Set the translation file for WeiDU:

/** @tra smarter_mages.tra */

Must be in a JSDoc comment (/** ... */).

Imports

Engine builtins (triggers, actions, objects, constants) come from IETS:

import { See, Attack, Global, SetGlobal } from "@bgforge/iets/baf.d";
import { Player1, Myself } from "@bgforge/iets/objects.d";
import { ClassID } from "@bgforge/iets/class.ids";

Local .ts and .tbaf files can also be imported:

import { myHelper } from "./helpers";
import { sharedArray } from "./data.tbaf";

Scope Constants

GLOBAL, LOCALS, and MYAREA are auto-quoted in the output:

SetGlobal("hostile", LOCALS, 1);
// -> SetGlobal("hostile", "LOCALS", 1)

Don't wrap them in quotes yourself -- they are quoted automatically.

Forbidden Syntax

Syntax Reason
default in switch BAF cannot express "none of the above"
Negating complex OR groups Too complex to represent in BAF conditions
Arrow functions () => {} Not supported
Classes, async/await No runtime constructs in BAF
try/catch/finally No error handling in BAF
Template literals `${x}` Not supported
Object literals Not meaningful in BAF context

Gotchas and Pitfalls

  1. All evaluation is compile-time. Variables do not exist at runtime. const x = 5; if (x > 3) is evaluated by the transpiler, not the engine. The if either always produces a block or never does.

  2. Loop iteration limit. The maximum is 1000 iterations. BAF scripts should not need many iterations -- if you hit this limit, the script likely has a design issue.

  3. Scope constants are auto-quoted. GLOBAL, LOCALS, MYAREA become "GLOBAL", "LOCALS", "MYAREA" in the output. Don't quote them yourself.

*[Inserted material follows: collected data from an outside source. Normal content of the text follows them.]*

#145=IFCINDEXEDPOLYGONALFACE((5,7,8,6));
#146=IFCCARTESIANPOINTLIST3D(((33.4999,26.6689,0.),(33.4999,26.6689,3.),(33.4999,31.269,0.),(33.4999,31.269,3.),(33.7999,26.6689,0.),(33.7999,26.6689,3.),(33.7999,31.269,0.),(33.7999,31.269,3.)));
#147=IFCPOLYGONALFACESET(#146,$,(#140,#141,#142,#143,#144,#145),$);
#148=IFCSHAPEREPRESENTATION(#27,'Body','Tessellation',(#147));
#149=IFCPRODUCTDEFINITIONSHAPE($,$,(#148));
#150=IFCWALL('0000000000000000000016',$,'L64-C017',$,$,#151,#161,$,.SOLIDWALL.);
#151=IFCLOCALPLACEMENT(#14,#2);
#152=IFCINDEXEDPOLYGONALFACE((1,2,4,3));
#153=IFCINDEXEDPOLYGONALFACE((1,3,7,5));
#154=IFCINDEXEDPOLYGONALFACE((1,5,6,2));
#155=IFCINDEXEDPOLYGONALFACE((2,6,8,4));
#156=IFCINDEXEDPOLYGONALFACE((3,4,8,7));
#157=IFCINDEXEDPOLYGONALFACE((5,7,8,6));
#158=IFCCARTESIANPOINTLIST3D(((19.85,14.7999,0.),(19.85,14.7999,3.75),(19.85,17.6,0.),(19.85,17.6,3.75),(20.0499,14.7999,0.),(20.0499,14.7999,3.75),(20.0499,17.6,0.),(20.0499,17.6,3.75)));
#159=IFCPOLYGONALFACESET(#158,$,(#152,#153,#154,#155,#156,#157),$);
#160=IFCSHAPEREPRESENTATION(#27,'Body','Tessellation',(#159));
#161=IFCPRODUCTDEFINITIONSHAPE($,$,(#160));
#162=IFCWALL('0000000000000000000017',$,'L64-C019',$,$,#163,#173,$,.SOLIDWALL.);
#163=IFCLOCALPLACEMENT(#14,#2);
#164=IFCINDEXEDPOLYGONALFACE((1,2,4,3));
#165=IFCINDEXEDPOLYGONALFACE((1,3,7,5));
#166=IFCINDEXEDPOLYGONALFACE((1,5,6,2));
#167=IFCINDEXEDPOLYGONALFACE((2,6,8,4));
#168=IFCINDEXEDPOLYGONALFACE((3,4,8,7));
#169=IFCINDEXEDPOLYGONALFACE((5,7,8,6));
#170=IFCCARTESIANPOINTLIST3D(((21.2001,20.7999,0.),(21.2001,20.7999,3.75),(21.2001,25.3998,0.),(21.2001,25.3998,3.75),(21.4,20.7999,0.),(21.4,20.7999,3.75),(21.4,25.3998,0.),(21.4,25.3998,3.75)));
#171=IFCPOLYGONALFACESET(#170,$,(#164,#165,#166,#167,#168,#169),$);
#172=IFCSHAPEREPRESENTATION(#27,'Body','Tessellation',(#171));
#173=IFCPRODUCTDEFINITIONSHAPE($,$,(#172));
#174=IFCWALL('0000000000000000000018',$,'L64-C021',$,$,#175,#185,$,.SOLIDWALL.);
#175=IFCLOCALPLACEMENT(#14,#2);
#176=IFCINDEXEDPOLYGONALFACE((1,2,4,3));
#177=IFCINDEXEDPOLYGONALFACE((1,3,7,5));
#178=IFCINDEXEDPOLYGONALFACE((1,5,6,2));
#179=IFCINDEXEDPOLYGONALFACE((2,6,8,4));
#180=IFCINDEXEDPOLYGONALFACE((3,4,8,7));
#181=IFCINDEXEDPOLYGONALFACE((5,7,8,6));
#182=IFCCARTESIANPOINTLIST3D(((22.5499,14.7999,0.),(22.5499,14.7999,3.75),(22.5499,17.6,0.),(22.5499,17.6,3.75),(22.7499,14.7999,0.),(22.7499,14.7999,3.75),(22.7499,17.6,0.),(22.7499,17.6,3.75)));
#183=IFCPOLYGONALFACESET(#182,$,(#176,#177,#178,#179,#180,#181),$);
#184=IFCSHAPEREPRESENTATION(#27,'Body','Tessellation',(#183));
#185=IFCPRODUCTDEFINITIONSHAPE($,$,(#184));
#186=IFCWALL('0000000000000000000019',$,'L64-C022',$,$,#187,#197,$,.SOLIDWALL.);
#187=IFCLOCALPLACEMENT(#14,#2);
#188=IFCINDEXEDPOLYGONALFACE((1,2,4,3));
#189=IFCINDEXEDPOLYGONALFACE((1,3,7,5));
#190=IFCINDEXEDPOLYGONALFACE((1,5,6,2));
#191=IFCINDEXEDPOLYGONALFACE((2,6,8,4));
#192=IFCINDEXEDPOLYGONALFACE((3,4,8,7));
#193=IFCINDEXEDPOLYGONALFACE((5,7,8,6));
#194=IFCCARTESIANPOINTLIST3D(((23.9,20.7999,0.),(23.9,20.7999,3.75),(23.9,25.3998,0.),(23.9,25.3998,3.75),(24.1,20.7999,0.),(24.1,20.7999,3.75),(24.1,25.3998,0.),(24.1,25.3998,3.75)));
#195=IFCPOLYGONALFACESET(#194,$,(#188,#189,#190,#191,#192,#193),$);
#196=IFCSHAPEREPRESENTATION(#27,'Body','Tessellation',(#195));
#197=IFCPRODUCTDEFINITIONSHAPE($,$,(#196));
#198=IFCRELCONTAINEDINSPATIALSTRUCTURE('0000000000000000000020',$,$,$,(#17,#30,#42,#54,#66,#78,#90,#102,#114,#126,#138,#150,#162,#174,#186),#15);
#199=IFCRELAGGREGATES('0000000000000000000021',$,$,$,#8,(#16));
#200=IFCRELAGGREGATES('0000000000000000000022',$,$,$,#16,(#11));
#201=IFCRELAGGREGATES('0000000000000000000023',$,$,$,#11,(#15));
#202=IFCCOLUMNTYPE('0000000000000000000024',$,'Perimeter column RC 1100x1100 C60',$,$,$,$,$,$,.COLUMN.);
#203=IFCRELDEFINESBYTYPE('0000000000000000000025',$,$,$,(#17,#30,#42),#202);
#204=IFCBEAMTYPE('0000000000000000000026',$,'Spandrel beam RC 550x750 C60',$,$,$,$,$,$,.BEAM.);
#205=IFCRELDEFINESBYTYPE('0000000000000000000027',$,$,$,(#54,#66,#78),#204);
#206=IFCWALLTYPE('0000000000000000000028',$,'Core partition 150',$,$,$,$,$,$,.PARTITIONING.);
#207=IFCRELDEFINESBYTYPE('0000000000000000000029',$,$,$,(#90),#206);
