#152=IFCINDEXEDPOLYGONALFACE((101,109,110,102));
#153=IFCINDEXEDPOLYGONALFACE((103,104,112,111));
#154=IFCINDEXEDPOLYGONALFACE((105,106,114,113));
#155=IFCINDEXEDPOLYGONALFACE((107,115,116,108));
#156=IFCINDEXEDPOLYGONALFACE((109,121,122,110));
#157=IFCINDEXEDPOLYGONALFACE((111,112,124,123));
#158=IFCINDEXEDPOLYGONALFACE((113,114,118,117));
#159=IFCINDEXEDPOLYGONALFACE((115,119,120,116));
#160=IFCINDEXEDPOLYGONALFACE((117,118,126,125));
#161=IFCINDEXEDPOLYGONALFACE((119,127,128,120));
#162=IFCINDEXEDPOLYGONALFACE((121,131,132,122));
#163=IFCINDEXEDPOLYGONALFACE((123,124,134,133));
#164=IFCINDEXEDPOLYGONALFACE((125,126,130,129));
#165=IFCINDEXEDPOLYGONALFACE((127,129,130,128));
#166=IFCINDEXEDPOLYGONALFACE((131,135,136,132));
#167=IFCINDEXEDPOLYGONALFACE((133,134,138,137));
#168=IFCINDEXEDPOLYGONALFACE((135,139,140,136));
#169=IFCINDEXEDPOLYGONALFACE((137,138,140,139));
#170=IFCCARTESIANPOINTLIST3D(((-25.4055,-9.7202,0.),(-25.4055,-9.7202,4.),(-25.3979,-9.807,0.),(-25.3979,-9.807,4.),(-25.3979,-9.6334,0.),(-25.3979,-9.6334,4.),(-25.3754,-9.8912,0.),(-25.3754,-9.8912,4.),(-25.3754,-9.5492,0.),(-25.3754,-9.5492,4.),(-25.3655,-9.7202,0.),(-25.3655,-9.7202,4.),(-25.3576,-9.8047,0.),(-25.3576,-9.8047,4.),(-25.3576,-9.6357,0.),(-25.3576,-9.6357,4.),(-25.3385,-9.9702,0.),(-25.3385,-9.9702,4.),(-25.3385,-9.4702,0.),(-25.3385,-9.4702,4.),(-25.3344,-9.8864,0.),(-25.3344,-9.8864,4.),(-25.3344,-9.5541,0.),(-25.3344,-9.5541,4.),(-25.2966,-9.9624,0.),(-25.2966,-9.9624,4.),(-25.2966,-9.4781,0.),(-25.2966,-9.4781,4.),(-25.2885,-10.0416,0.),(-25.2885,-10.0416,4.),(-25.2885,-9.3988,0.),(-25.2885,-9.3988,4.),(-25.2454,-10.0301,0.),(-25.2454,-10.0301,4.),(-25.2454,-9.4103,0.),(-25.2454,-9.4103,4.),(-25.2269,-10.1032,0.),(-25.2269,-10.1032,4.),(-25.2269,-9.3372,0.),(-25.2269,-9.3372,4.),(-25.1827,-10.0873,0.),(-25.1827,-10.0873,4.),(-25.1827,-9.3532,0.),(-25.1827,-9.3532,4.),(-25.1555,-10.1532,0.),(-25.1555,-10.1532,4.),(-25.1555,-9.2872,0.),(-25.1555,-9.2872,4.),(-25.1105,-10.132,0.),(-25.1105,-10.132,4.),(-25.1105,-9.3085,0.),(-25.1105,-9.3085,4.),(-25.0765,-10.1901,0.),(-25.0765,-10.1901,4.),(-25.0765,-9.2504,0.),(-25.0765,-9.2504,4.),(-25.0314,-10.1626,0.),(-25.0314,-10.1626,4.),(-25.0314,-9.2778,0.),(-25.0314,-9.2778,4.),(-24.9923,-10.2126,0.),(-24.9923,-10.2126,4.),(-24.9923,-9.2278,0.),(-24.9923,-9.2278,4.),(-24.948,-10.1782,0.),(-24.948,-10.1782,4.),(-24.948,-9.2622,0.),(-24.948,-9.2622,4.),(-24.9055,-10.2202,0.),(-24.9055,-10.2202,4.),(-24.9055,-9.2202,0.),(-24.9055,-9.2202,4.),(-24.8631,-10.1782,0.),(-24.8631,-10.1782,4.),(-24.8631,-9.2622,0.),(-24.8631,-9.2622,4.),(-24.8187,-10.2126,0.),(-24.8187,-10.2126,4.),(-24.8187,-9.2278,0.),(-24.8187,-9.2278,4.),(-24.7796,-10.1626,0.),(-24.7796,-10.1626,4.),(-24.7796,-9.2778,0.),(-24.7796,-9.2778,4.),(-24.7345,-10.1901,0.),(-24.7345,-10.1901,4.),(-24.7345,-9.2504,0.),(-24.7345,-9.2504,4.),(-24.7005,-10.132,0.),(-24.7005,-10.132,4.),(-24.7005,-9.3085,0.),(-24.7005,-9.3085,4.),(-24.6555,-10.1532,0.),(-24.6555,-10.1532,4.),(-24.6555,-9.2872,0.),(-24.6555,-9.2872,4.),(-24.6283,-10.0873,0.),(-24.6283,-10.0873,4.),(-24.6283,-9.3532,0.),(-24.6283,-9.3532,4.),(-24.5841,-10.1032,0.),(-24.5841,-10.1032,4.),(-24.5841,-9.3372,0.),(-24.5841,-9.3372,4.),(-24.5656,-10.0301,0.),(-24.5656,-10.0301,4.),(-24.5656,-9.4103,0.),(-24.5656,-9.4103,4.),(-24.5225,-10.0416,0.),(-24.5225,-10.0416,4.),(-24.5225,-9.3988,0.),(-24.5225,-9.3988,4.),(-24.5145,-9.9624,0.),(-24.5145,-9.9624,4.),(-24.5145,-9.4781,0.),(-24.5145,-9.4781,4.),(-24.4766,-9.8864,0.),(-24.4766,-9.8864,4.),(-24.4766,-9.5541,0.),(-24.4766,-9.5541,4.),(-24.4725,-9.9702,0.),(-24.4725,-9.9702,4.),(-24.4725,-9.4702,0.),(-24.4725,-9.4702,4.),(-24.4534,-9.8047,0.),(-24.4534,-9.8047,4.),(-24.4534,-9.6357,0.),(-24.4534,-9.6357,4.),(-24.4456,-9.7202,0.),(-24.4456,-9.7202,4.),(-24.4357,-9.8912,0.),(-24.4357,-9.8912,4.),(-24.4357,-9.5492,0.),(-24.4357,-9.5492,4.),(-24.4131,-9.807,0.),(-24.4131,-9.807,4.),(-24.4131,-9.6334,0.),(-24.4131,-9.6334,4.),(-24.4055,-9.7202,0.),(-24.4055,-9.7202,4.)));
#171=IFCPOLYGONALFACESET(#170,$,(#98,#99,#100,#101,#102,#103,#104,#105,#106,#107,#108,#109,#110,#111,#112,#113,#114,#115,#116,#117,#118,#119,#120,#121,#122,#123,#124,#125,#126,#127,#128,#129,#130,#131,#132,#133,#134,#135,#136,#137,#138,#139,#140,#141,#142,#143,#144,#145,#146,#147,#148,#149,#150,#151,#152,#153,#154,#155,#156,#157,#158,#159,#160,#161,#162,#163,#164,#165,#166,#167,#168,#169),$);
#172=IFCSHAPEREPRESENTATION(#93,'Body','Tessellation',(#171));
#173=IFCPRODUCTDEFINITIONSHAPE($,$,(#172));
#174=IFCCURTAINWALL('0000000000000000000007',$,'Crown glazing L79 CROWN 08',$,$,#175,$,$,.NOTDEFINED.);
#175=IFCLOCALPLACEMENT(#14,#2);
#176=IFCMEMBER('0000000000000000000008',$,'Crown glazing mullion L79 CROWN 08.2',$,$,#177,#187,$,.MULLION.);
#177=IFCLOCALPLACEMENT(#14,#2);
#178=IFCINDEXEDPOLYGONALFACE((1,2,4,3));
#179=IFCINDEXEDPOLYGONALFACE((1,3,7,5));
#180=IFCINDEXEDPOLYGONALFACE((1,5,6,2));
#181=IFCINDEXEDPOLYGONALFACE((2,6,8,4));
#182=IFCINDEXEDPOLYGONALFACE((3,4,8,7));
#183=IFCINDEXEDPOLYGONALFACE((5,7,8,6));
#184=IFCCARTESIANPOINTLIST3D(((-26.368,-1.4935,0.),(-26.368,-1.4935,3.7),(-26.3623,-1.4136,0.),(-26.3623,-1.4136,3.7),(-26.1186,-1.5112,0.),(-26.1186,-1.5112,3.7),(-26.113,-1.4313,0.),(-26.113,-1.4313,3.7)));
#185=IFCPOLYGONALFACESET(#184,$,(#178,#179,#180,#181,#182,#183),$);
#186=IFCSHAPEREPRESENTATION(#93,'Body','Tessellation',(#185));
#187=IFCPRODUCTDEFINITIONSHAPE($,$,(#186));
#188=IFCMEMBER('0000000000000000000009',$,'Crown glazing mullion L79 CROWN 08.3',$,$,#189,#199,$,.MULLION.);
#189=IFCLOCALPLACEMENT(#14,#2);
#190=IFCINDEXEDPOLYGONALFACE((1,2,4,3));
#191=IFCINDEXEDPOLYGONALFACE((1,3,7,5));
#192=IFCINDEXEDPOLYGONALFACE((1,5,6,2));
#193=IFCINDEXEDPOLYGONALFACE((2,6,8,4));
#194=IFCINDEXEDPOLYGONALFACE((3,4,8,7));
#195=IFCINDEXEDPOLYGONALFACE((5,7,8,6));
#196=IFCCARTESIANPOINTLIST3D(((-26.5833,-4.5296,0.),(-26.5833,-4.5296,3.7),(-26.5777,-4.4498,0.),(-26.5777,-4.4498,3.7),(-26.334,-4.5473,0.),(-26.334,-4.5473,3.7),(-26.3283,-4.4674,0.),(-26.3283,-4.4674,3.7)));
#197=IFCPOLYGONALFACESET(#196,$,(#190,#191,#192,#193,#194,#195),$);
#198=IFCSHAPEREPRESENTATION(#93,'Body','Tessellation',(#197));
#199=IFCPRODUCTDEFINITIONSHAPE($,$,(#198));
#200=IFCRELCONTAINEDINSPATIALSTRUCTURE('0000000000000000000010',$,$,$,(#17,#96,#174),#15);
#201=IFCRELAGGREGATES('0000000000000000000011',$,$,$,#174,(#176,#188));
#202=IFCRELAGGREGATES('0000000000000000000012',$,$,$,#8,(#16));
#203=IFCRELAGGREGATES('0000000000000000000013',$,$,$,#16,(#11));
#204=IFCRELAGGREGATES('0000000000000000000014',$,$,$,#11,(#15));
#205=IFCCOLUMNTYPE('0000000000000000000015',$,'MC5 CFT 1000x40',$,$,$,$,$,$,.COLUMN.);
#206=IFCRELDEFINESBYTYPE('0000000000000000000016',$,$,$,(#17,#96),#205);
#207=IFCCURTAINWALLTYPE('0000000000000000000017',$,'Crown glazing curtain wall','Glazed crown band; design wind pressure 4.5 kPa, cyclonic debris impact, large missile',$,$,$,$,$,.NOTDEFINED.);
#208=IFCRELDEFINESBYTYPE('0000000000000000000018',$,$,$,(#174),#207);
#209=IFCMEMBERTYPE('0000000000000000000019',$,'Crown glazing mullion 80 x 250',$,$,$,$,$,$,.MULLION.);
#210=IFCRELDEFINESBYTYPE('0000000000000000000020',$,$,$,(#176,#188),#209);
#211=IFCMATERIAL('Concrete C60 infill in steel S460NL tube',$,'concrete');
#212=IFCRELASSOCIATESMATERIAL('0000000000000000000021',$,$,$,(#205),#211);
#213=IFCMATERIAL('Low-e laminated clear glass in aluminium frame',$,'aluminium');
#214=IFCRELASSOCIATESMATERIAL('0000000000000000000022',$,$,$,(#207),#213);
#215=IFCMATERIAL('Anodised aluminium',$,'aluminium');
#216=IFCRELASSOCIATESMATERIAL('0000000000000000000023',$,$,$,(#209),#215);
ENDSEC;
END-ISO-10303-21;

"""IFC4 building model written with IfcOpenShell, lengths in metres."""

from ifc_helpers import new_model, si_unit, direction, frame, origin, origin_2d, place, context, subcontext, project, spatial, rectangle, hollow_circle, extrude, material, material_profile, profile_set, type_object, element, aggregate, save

  4. Function inlining constraints. A function used inside an OR group must return exactly one condition. A function returning A && B (two conditions) cannot be an OR element. A function returning an OR group cannot be nested inside another OR group.

  5. Switch expression must be a function call. switch (Global("x", "LOCALS")) works. switch (someVariable) does not -- BAF conditions are function calls, not comparisons.

  6. Variables in loops are cleaned up. After a for or for...of loop completes, the loop variable is deleted from the compile-time context. This prevents stale values from leaking into later code.

  7. RESPONSE #100. All emitted blocks use RESPONSE #100 (100% probability). Weighted responses are not supported. Use conditions to select between alternatives.

Compilation

.tbaf -> transpiler -> .baf -> WeiDU -> game

Press Ctrl+R in VSCode or use the transpile CLI to compile.